The starting point for an estimate of Ekman layer depth is eqn. 3.2 with constant $A_v$. It applies to an unstratified deep body of water with depth-independent mixing. These conditions are often satisfied at the sea floor where the stratification is weak and mixing is not associated with waves. The estimate from eqn. 3.2 would include the logarithmic layer as a sub-layer next to the ocean floor. At the surface, mixing is nearly always associated with wind waves. The resulting exponential decrease of $A_v$ with depth reduces the estimate of Ekman layer depth. The presence of a shallow thermocline can reduce the Ekman layer thickness further, since turbulence does not penetrate the thermocline.

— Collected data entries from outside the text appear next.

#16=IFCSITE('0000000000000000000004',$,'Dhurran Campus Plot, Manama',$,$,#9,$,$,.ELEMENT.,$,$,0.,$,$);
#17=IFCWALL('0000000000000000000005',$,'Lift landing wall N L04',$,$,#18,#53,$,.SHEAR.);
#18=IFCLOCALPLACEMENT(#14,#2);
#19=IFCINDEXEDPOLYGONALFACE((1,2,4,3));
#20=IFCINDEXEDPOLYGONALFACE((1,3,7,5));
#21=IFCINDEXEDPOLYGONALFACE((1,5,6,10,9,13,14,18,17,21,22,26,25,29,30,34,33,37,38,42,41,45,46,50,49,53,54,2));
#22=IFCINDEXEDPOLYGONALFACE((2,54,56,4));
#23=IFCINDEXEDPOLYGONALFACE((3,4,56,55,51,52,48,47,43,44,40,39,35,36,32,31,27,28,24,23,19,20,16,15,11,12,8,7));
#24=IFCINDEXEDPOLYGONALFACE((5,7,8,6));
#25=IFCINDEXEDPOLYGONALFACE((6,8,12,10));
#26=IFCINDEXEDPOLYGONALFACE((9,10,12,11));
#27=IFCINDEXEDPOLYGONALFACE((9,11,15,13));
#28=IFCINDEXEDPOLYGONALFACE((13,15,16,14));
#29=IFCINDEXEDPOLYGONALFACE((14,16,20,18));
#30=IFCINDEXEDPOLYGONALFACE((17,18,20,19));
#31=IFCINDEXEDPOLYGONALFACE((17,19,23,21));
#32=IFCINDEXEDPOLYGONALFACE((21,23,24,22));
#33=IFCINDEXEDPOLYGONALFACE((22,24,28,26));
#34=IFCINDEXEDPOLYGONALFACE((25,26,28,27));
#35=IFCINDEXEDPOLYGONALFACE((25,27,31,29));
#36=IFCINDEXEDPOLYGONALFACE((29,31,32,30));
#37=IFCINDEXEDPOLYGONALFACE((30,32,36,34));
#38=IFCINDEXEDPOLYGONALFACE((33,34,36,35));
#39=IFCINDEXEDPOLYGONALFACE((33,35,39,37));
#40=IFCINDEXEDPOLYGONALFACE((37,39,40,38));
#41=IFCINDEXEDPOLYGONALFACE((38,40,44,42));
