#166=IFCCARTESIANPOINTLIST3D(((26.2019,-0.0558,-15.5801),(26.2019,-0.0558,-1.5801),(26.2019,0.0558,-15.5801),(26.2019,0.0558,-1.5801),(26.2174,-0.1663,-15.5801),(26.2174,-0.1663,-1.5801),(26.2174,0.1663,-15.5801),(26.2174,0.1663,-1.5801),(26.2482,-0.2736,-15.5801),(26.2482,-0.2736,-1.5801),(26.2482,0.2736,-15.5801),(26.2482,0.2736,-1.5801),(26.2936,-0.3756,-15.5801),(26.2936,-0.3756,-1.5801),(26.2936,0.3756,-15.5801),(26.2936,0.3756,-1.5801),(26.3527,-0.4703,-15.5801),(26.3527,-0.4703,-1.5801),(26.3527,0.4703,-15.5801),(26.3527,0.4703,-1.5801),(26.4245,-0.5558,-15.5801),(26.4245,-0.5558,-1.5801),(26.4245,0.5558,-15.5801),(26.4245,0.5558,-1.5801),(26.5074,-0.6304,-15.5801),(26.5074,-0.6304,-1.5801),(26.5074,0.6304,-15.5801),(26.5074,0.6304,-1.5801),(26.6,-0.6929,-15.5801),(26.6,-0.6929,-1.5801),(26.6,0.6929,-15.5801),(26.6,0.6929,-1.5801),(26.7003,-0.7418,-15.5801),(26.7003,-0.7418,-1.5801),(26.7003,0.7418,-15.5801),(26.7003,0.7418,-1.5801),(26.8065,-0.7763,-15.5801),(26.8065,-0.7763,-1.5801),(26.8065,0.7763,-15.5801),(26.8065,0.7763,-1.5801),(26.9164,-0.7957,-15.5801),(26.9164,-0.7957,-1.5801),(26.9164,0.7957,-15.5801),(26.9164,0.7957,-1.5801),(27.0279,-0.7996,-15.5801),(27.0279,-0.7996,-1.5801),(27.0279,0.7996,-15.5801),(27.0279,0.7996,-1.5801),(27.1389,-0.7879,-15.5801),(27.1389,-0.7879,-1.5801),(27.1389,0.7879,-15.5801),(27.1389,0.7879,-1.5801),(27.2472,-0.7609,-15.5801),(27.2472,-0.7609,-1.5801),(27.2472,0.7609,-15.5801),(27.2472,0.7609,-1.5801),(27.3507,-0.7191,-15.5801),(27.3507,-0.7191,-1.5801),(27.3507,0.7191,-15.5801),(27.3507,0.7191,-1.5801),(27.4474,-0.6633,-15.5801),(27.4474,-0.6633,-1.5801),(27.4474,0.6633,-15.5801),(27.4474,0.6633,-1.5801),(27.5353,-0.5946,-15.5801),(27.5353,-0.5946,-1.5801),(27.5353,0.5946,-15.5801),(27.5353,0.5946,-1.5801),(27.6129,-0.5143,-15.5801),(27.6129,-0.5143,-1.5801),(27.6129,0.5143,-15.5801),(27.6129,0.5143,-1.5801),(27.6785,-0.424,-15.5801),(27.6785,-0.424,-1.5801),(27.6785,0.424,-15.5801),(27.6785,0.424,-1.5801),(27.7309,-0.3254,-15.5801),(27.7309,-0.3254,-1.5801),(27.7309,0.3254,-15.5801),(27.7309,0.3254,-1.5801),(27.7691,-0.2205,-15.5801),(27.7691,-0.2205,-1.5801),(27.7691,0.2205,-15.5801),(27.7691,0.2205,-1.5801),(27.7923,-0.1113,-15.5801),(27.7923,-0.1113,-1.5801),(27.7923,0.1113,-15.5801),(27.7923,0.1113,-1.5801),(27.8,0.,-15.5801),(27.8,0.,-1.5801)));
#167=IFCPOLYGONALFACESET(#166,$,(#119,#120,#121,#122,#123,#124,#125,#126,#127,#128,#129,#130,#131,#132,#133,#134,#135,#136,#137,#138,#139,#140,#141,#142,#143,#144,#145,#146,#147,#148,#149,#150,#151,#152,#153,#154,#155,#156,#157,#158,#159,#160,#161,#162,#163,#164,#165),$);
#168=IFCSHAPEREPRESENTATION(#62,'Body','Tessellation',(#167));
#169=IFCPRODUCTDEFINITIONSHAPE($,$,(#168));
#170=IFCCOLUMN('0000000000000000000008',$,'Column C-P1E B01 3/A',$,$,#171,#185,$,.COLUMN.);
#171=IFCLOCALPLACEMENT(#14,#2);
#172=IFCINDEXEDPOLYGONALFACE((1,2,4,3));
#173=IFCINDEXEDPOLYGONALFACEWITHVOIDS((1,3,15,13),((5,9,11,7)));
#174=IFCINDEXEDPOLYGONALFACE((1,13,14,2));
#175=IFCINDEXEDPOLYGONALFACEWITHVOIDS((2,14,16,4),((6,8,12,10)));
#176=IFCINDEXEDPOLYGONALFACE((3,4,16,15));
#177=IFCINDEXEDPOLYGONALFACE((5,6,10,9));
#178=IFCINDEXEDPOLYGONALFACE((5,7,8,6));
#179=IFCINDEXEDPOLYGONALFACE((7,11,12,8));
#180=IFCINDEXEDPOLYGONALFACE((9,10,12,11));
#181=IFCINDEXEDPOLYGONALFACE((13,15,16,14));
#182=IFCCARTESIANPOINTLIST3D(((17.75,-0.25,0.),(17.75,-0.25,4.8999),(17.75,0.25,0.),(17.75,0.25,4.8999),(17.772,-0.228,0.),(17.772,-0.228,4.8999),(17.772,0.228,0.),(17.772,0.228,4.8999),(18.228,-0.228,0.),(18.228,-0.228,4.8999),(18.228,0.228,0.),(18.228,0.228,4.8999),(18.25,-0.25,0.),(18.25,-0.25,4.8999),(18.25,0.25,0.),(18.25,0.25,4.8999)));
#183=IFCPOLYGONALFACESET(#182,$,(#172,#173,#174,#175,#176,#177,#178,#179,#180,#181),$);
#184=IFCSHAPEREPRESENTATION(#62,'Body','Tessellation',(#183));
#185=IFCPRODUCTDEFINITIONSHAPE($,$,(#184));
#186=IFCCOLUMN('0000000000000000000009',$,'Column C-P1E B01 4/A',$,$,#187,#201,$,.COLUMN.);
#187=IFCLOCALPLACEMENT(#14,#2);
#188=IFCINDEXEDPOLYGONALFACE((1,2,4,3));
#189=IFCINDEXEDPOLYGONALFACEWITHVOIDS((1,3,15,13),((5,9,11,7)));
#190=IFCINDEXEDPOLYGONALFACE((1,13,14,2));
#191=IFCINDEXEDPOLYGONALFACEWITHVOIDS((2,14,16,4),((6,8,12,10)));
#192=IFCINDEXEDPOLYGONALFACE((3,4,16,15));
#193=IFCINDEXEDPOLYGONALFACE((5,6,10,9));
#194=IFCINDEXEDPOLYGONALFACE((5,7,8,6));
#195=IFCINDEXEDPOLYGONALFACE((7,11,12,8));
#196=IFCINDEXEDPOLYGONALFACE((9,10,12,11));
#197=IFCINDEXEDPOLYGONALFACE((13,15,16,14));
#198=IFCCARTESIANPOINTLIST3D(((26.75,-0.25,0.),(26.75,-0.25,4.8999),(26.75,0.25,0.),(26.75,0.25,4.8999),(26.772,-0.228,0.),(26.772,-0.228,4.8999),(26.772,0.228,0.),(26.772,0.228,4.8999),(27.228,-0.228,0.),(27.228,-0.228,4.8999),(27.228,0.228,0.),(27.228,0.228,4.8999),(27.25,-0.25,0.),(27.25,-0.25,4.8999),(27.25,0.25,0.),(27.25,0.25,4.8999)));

In coastal oceanography it is often important to ascertain whether observations were made under conditions $d_E^2 << H^2$ (deep ocean dynamics) or $d_E^2 >> H^2$ (shallow sea dynamics). The procedure of assessment is to derive an estimate of $d_E$ from eqn. 3.2 and check for the presence of a thermocline. The smaller of the two depths ($d_E$ and the thermocline depth) is then used for comparison with the water depth to decide whether deep or shallow dynamics apply to the situation. The importance of a correct assessment becomes evident when we now turn to the question of Ekman layer transport in shallow water.

Ekman layer transports

Figure 3.7 shows how current speed and direction change as the water depth H becomes increasingly smaller. The Ekman spiral observed in the deep ocean (seen in Figure 3.1) is found as long as H is larger than $1.25\; d_E$. As H decreases, the spiral changes shape. In the range $d_E >> H > 0.5 \;d_E$ the current maintains its speed but does not turn against the wind direction at depth. Current speed is reduced when H decreases further, and the current aligns more and more with the direction of the wind. In very shallow water ($H < 0.2 \;d_E$) the flow is essentially controlled by wind stress and bottom friction and the Coriolis force becomes insignificant; the current aligns with the wind direction nearly completely and decreases nearly linearly with depth.

In all situations the Ekman layer transport is independent of the details of the Austausch coefficient, but in shallow water it is no longer directed perpendicular to the wind direction (as it is for $H > 0.5\;d_E$). The shallower the water, the more does the Ekman layer transport - which under these conditions becomes the transport of the total water column - point in the direction of the wind. This is of particular importance for the understanding of wind-driven upwelling in shallow seas. Chapter 6 will develop these ideas further.